Although the current research hasn’t undertaken an experiment that executes quantum advantage, the team’s paper in Science Advances lends credence that the chip can achieve it.

However, from the pure science of the university lab to building the technology to something more meaningful is a hard slog that will, inevitably, cost a lot of money, one thing that Lodahl obviously realizes:

“In the meantime, we will use our photon sources to develop new and advanced quantum simulators to solve complex biochemical problems that might, for example, be used to develop new medicines. So, we are already preparing the next steps for technology. Being at a university allows one to establish the foundation of technology and demonstrate the possibilities, whereas definitive technology upscaling requires greater investment. We will work to establish a strong European consortium of academic and industrial partners with a focus on building photonic quantum simulators with ‘quantum advantage’.”

Long Tradition

Lodahl is also only too aware of his country’s — along with Europe’s — long legacy in quantum physics research: “Denmark and Europe have proud traditions in quantum optics research and at the same time a strong telecom industry and infrastructure. It would be really exciting to combine these strengths in a large-scale initiative dedicated to photonic quantum computers. It would be fantastic to be part of a process that extends all the way from fundamental quantum physics to new technological applications.”

The reality of the situation is clear to Ravitej Uppu, lead author of the paper: “It could cost us 10 million Euro to perform an actual experiment that simultaneously controls 50 photons, as Google did it with superconducting qubits. We simply can’t afford that. However, what we as scientific researchers can do is to develop a photon source and prove that it can be used to achieve ‘quantum advantage’. We have developed the fundamental building block.”

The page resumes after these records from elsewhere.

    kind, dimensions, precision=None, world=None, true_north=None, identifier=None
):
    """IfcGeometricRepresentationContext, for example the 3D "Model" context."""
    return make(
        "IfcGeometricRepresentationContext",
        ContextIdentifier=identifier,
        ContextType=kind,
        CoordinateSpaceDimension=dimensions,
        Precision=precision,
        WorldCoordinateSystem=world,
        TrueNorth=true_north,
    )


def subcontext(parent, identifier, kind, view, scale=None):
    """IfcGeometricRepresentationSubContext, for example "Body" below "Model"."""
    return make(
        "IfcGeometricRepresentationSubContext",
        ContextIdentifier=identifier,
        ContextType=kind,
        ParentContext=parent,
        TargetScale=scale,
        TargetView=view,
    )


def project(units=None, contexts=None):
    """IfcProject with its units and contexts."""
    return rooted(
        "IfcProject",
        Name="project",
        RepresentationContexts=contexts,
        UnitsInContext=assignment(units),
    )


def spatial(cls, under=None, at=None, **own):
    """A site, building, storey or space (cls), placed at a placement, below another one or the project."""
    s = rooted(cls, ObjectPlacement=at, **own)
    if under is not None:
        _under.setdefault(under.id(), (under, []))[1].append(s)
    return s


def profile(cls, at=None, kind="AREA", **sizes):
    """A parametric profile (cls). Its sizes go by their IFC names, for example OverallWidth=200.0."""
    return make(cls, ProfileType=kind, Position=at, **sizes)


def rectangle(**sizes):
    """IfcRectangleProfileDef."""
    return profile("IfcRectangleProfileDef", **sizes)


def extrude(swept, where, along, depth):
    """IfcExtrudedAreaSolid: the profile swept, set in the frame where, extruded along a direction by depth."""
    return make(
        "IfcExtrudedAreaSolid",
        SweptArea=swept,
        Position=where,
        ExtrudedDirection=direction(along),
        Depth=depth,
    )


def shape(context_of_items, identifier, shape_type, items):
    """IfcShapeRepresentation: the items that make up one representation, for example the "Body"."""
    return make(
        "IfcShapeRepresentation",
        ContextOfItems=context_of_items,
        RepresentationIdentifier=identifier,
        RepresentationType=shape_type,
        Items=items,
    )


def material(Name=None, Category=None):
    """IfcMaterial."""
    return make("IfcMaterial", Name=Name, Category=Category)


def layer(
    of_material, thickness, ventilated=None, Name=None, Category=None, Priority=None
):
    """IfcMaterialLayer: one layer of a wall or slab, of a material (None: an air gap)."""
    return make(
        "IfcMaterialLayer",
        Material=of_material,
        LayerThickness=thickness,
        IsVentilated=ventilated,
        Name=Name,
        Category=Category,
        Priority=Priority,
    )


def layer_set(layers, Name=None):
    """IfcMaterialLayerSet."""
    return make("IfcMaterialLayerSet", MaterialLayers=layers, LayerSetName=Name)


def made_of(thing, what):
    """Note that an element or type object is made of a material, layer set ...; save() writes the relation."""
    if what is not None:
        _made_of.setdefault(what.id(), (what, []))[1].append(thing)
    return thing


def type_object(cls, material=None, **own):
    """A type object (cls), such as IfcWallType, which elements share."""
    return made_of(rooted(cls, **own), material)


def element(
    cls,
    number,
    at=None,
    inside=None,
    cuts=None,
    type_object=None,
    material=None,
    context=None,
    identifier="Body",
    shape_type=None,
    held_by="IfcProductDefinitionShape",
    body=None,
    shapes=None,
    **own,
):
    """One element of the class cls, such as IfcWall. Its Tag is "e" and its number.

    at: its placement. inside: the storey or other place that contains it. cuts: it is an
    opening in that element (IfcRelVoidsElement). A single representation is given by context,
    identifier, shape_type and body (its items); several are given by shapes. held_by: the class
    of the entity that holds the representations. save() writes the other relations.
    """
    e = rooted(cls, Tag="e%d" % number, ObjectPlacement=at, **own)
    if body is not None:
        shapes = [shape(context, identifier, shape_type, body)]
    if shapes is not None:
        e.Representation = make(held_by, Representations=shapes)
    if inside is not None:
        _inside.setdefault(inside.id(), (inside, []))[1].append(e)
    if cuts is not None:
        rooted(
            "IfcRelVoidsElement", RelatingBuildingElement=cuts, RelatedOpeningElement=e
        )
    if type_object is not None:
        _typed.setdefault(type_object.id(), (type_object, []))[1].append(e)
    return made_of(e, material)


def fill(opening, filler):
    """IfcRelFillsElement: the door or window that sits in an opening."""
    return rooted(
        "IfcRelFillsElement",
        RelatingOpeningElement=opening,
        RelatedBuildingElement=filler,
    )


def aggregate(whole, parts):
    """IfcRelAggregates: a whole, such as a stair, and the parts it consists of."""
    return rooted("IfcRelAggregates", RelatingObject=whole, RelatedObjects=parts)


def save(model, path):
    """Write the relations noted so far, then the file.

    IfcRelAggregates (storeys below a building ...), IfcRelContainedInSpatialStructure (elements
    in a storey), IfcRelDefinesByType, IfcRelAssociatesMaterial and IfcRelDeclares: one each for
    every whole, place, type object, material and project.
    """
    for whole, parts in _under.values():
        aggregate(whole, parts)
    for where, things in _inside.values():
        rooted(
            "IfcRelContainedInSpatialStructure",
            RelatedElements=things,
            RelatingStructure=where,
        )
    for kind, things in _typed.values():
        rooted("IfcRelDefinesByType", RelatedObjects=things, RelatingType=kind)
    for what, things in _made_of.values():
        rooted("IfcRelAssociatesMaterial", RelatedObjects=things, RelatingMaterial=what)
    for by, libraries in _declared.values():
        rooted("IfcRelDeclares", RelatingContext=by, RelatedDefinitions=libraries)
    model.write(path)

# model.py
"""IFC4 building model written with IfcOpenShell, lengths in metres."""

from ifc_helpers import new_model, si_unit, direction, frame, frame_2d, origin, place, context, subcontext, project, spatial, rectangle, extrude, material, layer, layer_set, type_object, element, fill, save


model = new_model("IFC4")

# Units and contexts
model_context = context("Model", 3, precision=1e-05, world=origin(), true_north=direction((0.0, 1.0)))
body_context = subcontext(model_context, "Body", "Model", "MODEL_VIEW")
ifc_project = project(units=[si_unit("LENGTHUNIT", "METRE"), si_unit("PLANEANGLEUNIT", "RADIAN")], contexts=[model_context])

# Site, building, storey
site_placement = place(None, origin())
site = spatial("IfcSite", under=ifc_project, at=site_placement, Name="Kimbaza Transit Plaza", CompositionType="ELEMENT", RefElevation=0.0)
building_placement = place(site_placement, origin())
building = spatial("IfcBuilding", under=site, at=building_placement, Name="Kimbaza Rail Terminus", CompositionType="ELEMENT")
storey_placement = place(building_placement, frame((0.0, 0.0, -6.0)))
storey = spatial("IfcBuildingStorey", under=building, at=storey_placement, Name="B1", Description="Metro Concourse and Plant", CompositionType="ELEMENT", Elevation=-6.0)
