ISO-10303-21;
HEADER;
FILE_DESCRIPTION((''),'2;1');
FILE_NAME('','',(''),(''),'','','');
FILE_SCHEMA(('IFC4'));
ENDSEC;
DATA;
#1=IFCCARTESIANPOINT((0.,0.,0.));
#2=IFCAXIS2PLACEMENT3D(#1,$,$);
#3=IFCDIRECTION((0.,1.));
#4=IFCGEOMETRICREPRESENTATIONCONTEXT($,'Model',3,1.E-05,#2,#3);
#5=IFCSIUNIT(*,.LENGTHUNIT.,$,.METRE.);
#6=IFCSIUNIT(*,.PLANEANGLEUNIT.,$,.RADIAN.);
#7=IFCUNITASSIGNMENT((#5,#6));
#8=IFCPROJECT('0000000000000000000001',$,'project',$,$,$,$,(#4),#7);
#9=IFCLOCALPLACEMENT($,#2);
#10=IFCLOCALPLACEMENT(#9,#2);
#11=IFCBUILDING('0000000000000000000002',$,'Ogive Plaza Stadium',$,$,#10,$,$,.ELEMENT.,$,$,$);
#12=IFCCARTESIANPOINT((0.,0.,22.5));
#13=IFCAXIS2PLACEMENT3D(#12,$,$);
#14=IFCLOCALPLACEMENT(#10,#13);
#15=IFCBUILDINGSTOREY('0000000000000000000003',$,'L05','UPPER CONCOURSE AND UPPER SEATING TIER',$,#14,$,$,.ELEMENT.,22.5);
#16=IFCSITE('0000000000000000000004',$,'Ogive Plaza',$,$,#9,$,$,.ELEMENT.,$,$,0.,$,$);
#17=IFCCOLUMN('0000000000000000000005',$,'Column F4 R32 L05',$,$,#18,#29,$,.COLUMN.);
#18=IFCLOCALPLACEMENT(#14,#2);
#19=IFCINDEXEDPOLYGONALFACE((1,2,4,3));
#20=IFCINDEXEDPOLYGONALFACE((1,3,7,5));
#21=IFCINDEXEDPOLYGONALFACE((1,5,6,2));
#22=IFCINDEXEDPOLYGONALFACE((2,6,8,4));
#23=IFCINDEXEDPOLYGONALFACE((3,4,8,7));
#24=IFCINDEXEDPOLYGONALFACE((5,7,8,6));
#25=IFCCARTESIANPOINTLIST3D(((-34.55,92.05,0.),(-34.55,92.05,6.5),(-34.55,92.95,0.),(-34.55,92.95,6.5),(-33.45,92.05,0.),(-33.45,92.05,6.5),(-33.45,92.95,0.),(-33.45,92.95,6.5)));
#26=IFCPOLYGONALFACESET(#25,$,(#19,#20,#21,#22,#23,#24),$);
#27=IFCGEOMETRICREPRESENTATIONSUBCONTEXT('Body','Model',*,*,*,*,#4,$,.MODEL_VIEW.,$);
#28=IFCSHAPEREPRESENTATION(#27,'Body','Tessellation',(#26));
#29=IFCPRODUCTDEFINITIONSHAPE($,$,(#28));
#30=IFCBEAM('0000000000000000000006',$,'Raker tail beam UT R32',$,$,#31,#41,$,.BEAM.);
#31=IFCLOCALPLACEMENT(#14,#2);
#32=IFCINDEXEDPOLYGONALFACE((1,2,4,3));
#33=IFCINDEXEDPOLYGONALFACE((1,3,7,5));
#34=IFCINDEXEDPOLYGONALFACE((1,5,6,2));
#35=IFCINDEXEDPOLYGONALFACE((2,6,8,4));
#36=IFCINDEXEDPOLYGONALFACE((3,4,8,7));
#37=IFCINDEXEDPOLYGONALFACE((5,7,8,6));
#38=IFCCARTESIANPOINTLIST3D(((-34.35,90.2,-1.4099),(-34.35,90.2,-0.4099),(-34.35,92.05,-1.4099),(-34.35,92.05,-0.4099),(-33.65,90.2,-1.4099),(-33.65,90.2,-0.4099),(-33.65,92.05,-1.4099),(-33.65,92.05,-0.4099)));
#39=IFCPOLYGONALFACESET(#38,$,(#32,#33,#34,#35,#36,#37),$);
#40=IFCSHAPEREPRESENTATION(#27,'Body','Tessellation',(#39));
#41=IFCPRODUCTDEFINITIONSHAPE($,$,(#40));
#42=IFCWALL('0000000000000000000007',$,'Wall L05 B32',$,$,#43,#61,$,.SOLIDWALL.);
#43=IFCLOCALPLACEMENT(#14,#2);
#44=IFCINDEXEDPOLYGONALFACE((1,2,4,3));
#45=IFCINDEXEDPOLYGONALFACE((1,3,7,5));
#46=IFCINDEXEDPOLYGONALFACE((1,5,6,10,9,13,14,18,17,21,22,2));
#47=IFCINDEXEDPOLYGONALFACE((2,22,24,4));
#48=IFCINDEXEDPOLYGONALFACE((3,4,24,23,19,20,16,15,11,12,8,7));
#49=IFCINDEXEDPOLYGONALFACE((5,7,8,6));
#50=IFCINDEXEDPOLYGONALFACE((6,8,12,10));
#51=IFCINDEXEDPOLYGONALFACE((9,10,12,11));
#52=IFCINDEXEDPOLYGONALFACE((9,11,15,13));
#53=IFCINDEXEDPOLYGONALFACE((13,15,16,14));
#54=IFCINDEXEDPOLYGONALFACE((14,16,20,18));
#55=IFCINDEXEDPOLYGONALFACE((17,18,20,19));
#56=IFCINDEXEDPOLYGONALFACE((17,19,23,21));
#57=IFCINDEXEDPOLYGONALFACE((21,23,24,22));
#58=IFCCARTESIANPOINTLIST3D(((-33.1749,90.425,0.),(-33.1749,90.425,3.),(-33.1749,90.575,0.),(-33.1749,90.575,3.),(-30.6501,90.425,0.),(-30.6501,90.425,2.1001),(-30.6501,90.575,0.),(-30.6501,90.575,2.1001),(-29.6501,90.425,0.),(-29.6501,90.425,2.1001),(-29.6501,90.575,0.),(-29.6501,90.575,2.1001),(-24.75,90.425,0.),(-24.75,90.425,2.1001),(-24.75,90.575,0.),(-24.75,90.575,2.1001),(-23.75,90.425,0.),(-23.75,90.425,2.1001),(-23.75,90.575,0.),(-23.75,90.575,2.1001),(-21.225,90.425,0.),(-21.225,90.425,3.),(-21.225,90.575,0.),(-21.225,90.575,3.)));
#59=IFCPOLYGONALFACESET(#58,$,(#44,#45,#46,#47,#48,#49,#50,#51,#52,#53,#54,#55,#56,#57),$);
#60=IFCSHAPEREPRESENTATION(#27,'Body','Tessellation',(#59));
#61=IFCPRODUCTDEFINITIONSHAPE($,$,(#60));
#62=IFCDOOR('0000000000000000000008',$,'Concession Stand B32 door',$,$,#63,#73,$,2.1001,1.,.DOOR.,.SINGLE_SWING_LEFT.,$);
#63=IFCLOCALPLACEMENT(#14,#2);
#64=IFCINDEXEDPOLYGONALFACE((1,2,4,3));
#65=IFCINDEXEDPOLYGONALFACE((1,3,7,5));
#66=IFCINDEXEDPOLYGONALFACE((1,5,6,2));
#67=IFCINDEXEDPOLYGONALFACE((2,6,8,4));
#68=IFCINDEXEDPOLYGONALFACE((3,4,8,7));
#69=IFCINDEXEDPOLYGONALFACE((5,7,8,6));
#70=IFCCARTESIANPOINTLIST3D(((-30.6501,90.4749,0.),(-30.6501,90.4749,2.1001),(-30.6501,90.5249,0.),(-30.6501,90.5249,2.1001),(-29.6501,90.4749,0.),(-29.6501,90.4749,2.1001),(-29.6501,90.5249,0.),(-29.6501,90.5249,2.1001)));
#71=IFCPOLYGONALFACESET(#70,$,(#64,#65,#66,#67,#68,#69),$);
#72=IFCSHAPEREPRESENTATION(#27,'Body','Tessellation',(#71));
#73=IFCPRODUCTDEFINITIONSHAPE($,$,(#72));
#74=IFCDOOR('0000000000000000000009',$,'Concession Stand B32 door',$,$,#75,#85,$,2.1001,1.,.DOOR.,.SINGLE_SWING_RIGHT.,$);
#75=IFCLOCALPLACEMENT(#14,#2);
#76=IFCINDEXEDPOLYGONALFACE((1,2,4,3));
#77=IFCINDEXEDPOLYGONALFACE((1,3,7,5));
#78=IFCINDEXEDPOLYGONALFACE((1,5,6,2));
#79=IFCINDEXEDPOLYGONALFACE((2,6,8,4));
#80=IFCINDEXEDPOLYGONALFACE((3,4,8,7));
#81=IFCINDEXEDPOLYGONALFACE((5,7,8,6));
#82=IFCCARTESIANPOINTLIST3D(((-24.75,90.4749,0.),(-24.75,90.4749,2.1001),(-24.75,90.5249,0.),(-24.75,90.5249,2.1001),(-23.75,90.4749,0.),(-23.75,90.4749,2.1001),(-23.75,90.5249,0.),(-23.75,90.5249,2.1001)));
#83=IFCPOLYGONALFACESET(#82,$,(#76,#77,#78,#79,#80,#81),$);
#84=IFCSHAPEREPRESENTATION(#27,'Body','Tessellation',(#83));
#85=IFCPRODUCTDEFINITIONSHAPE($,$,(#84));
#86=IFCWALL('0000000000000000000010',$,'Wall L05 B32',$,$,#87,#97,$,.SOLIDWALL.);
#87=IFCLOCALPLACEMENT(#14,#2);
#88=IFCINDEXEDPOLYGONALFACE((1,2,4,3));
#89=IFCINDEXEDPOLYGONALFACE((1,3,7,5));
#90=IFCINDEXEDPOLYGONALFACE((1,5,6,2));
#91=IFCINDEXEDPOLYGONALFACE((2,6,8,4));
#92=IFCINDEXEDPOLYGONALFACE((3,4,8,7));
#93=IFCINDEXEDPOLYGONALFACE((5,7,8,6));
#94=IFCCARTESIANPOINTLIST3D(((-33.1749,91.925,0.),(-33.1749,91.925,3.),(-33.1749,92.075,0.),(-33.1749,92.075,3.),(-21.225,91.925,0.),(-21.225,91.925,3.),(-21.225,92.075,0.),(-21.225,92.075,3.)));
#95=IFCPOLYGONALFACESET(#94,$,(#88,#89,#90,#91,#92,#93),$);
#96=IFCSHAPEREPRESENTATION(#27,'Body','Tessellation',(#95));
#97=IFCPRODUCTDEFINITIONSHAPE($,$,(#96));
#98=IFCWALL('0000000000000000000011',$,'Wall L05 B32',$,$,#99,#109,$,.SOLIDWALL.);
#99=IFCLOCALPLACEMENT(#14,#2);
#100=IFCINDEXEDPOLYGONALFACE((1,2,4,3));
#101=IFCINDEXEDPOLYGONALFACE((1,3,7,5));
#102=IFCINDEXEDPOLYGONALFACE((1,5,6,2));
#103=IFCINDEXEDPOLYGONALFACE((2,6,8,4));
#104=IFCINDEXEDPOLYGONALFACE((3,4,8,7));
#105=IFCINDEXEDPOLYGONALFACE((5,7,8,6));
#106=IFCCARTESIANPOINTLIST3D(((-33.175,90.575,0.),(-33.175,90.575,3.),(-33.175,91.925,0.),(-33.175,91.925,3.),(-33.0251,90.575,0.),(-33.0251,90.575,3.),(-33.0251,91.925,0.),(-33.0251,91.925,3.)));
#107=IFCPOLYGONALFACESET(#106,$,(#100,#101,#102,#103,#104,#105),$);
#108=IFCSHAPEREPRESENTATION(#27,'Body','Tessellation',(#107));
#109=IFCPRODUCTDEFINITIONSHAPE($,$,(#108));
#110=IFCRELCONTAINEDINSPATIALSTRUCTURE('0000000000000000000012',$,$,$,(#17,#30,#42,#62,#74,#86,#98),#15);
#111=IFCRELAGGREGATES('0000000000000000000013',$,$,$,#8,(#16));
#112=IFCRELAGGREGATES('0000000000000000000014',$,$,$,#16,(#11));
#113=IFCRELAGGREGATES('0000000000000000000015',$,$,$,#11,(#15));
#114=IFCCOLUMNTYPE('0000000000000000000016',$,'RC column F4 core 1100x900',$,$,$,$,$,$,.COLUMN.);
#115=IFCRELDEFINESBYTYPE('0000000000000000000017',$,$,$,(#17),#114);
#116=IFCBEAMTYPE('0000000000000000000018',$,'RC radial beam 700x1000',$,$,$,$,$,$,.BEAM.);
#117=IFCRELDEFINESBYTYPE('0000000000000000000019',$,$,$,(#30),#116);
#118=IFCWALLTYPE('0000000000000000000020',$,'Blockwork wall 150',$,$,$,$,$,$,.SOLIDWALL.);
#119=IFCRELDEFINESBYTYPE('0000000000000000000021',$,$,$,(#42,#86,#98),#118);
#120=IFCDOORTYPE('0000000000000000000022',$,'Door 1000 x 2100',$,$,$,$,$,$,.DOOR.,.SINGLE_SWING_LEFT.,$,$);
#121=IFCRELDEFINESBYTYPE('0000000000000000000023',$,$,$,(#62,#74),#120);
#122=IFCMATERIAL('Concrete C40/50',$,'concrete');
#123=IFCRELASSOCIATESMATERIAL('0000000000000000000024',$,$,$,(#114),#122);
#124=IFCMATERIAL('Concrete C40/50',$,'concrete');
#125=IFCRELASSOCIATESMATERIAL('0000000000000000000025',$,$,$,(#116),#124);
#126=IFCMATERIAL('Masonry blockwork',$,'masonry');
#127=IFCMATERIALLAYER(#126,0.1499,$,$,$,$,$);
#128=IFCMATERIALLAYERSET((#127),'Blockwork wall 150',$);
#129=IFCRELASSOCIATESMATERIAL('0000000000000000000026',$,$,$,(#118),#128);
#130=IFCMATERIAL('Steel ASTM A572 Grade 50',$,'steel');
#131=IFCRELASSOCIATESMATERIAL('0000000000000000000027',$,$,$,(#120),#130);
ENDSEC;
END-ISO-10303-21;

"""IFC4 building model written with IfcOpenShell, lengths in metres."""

from ifc_helpers import new_model, si_unit, direction, frame, frame_2d, origin, origin_2d, place, context, subcontext, project, spatial, rectangle, extrude, material, layer, layer_set, material_profile, profile_set, type_object, element, fill, save


model = new_model("IFC4")

# Units and contexts
model_context = context("Model", 3, precision=1e-05, world=origin(), true_north=direction((0.0, 1.0)))
body_context = subcontext(model_context, "Body", "Model", "MODEL_VIEW")
ifc_project = project(units=[si_unit("LENGTHUNIT", "METRE"), si_unit("PLANEANGLEUNIT", "RADIAN")], contexts=[model_context])

# Site, building, storey
site_placement = place(None, origin())
site = spatial("IfcSite", under=ifc_project, at=site_placement, Name="Ogive Plaza", CompositionType="ELEMENT", RefElevation=0.0)
building_placement = place(site_placement, origin())
building = spatial("IfcBuilding", under=site, at=building_placement, Name="Ogive Plaza Stadium", CompositionType="ELEMENT")
storey_placement = place(building_placement, frame((0.0, 0.0, 22.5)))
storey = spatial("IfcBuildingStorey", under=building, at=storey_placement, Name="L05", Description="UPPER CONCOURSE AND UPPER SEATING TIER", CompositionType="ELEMENT", Elevation=22.5)

# Column
ifc_material_1 = material(Name="Concrete C40/50", Category="concrete")
ifc_material_profile_1 = material_profile(ifc_material_1, rectangle(XDim=1.1001, YDim=0.8999, at=origin_2d()), Name="RC 1100x900")
ifc_profile_set_1 = profile_set([ifc_material_profile_1], Name="Concrete C40/50")
column_type = type_object("IfcColumnType", Name="RC column F4 core 1100x900", PredefinedType="COLUMN", material=ifc_profile_set_1)
column_placement = place(storey_placement, frame((-34.0, 92.5, 0.0), z_axis=(0.0, 0.0, 1.0), x_axis=(-1.0, 0.0, 0.0)))
element("IfcColumn", 1, at=column_placement, inside=storey, type_object=column_type, Name="Column F4 R32 L05", PredefinedType="COLUMN", context=body_context, shape_type="SweptSolid", body=[
    extrude(rectangle(XDim=1.1001, YDim=0.8999, at=origin_2d()), origin(), (0.0, 0.0, 1.0), 6.5),
])

# Beam
ifc_material_2 = material(Name="Concrete C40/50", Category="concrete")
ifc_material_profile_2 = material_profile(ifc_material_2, rectangle(XDim=0.7, YDim=1.0, at=origin_2d()), Name="RC 700x1000")
ifc_profile_set_2 = profile_set([ifc_material_profile_2], Name="Concrete C40/50")
beam_type = type_object("IfcBeamType", Name="RC radial beam 700x1000", PredefinedType="BEAM", material=ifc_profile_set_2)
beam_placement = place(storey_placement, frame((-34.0, 90.2, -0.9099), z_axis=(0.0, 1.0, 0.0), x_axis=(-1.0, 0.0, 0.0)))
element("IfcBeam", 2, at=beam_placement, inside=storey, type_object=beam_type, Name="Raker tail beam UT R32", PredefinedType="BEAM", context=body_context, shape_type="SweptSolid", body=[
    extrude(rectangle(XDim=0.7, YDim=1.0, at=origin_2d()), origin(), (0.0, 0.0, 1.0), 1.8501),
])

# Wall, openings, doors
ifc_material_3 = material(Name="Masonry blockwork", Category="masonry")
ifc_layer_1 = layer(ifc_material_3, 0.1499)
ifc_layer_set_1 = layer_set([ifc_layer_1], Name="Blockwork wall 150")
wall_type_1 = type_object("IfcWallType", Name="Blockwork wall 150", PredefinedType="SOLIDWALL", material=ifc_layer_set_1)
wall_1_placement = place(storey_placement, frame((-33.175, 90.5, 0.0), z_axis=(0.0, 0.0, 1.0), x_axis=(1.0, 0.0, 0.0)))
wall_1 = element("IfcWall", 3, at=wall_1_placement, inside=storey, type_object=wall_type_1, Name="Wall L05 B32", PredefinedType="SOLIDWALL", context=body_context, shape_type="SweptSolid", body=[
    extrude(rectangle(XDim=11.95, YDim=0.1499, at=frame_2d((5.9751, 0.0))), origin(), (0.0, 0.0, 1.0), 3.0),
])
opening_1_placement = place(wall_1_placement, frame((2.5249, 0.0, 0.0)))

These words demonstrate Lodhahl and Uppu’s down-to-earth assumptions that, though their work is groundbreaking, the reality of the situation is it will take many, many dead presidents to turn their photon source research into something more.

That’s where Google and other multinationals like Honeywell and IBM with their pound of flesh in the QC game have the advantage.

Quantum advantage is a relative and all too often lazy concept thrown about in 2020 — it could mean one thing to one person and something completely different to another. What’s more important, however, is that men like Lodahl and Uppu, with the help of prestigious seats of learning like the University of Copenhagen’s Niels Bohr Institute, can do what they’re good at, left alone to their own devices to come up with the science that will, one day, change the face of our world.

For more market insights, check out our latest quantum computing news here.

James Dargan

James Dargan is a writer and researcher at The Quantum Insider. His focus is on the QC startup ecosystem and he writes articles on the space that have a tone accessible to the average reader.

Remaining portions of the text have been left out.